A simple class based decorator that can be used for real-time evaluations or for continuous monitoring for detecting quality issues in LLM-generated text.

Constructor

Detect(values_returned, api_key=None, config=None, async_mode=False, publish=False, application_name=None, model_name=None)

Parameters:

  • values_returned (list): A list of values in the order returned by the decorated function. Acceptable values are 'generated_text', 'context', 'user_query', 'instructions'.
  • api_key (str, optional): The API key to use for the AIMon client. If not provided, it will be read from the 'AIMON_API_KEY' environment variable.
  • config (dict, optional): A dictionary of configuration options for the detector. Default is {'hallucination': {'detector_name': 'default'}}.
  • async_mode (bool, optional): If True, the detect() function will return immediately with a DetectResult object. Default is False.
  • publish (bool, optional): If True, the payload will be published to AIMon and can be viewed on the AIMon UI. Default is False.
  • application_name (str, optional): Required if publish is True. The name of the application in AIMon.
  • model_name (str, optional): Required if publish is True. The name of the model in AIMon.

Raises:

  • ValueError: If API key is None, values_returned is empty or doesn't contain 'context', or if publish is True and either application_name or model_name is not provided.

Methods

__call__(func)

This method is called when the Detect instance is used as a decorator. It wraps the decorated function and handles the detection process.

Parameters:
  • func (callable): The function to be decorated.
Returns:
  • A wrapped version of the input function that includes AIMon detection.

Usage Example

from aimon import Detect
import os

detect = Detect(
values_returned=['context', 'generated_text', 'user_query'],
api_key=os.getenv('AIMON_API_KEY'),
config={
'hallucination': {'detector_name': 'default'},
'toxicity': {'detector_name': 'default'}
},
publish=True,
application_name='my_summarization_app',
model_name='gpt-3.5-turbo'
)

def your_llm_function(context, query):
# your LLM function implementation here
return f"Summary of '{context}' based on query: {query}"

@detect
def generate_summary(context, query):
summary = your_llm_function(context, query)
return context, summary, query

context = "The quick brown fox jumps over the lazy dog."
query = "Summarize the given text."
context, summary, query, aimon_result = generate_summary(context, query)

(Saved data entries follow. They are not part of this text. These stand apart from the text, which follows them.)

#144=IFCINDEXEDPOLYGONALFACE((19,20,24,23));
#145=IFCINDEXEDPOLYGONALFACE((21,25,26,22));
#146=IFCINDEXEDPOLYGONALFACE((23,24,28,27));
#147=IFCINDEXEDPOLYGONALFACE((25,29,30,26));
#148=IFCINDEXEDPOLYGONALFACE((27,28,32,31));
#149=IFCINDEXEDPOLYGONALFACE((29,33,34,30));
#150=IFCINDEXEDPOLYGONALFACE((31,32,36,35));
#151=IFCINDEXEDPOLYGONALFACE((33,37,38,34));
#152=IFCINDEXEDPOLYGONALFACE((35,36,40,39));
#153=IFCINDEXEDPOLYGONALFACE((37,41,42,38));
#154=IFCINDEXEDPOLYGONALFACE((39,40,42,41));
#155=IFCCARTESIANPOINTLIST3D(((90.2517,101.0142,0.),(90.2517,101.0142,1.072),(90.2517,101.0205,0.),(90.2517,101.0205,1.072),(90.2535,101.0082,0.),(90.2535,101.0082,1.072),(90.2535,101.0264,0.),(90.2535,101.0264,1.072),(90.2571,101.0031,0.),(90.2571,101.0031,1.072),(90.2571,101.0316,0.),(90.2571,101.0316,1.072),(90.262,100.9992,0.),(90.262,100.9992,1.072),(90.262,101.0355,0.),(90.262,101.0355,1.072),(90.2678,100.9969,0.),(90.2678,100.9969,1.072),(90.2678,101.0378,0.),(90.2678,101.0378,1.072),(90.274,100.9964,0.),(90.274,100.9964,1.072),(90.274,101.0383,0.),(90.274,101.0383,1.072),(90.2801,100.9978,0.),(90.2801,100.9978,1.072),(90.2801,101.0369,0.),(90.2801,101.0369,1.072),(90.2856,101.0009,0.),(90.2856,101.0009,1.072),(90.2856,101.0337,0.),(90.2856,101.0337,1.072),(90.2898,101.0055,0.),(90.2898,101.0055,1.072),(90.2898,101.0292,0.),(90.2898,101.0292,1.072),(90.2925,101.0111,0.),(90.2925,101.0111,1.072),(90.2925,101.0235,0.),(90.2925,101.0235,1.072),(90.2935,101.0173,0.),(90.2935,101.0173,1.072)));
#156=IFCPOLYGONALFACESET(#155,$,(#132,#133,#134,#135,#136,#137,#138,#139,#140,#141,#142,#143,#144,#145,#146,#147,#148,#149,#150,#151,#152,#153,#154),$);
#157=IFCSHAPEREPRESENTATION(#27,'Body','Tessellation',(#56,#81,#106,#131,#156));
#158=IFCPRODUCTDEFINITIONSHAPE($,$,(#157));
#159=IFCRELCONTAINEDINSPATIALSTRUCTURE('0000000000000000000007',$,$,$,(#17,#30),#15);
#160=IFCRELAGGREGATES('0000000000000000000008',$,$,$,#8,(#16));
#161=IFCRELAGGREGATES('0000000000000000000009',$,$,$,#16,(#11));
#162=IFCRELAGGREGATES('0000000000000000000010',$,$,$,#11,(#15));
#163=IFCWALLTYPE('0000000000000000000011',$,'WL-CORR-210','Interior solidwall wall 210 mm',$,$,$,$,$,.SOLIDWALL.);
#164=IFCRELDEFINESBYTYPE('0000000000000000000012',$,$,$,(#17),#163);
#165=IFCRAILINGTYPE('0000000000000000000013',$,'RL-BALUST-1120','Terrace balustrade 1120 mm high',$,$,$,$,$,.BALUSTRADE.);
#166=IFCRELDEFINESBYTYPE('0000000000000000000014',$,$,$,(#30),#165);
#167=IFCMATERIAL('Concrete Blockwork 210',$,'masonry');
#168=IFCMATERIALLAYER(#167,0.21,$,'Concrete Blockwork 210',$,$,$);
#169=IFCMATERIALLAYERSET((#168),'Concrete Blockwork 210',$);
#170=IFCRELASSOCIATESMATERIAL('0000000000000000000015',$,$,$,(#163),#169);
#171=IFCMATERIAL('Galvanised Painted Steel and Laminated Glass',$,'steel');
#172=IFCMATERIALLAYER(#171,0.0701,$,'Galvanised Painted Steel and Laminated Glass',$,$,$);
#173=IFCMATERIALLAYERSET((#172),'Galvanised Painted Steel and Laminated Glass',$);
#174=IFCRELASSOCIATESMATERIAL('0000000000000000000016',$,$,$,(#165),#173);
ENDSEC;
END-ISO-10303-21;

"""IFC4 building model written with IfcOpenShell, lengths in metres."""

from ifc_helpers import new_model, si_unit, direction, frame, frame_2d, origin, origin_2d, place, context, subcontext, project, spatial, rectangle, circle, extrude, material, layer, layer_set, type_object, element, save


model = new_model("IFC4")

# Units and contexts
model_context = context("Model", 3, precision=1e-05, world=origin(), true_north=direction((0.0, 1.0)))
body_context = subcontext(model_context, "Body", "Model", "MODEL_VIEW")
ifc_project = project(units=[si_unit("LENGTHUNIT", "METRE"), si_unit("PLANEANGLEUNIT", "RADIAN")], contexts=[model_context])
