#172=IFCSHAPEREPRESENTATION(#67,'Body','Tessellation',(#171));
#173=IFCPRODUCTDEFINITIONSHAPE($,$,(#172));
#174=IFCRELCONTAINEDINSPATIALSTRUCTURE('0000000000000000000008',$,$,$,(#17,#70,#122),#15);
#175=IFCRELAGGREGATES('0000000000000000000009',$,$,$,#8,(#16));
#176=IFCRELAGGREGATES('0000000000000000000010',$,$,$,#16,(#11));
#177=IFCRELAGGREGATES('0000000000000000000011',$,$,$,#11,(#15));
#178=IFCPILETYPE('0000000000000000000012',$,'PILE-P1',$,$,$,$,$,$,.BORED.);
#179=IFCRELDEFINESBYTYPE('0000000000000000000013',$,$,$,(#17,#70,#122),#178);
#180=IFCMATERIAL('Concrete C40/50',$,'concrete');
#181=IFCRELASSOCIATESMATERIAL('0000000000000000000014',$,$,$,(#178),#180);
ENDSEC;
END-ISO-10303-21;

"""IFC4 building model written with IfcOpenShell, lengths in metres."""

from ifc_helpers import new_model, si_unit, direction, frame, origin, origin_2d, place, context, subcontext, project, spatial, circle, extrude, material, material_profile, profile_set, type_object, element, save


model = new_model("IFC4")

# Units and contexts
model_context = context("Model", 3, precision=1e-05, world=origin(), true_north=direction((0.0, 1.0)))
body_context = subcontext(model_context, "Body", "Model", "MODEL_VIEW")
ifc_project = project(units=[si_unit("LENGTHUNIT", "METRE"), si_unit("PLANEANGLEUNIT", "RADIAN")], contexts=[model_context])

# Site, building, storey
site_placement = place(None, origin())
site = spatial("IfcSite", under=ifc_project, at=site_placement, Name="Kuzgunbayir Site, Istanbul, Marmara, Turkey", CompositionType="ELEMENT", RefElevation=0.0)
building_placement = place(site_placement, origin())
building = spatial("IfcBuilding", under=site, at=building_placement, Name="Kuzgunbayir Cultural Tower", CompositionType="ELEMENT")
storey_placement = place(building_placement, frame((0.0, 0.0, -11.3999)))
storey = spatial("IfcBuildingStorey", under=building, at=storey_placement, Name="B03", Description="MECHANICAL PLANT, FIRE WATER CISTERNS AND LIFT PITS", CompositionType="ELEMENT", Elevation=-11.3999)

print(f"Hallucination score: {aimon_result.detect_response.hallucination['score']}")
print(f"Toxicity score: {aimon_result.detect_response.toxicity['score']}")

Notes

  • The values_returned list must contain 'context' and should include 'generated_text'.
  • If async_mode is True, publish is automatically set to True.
  • When publish is True, both application_name and model_name must be provided.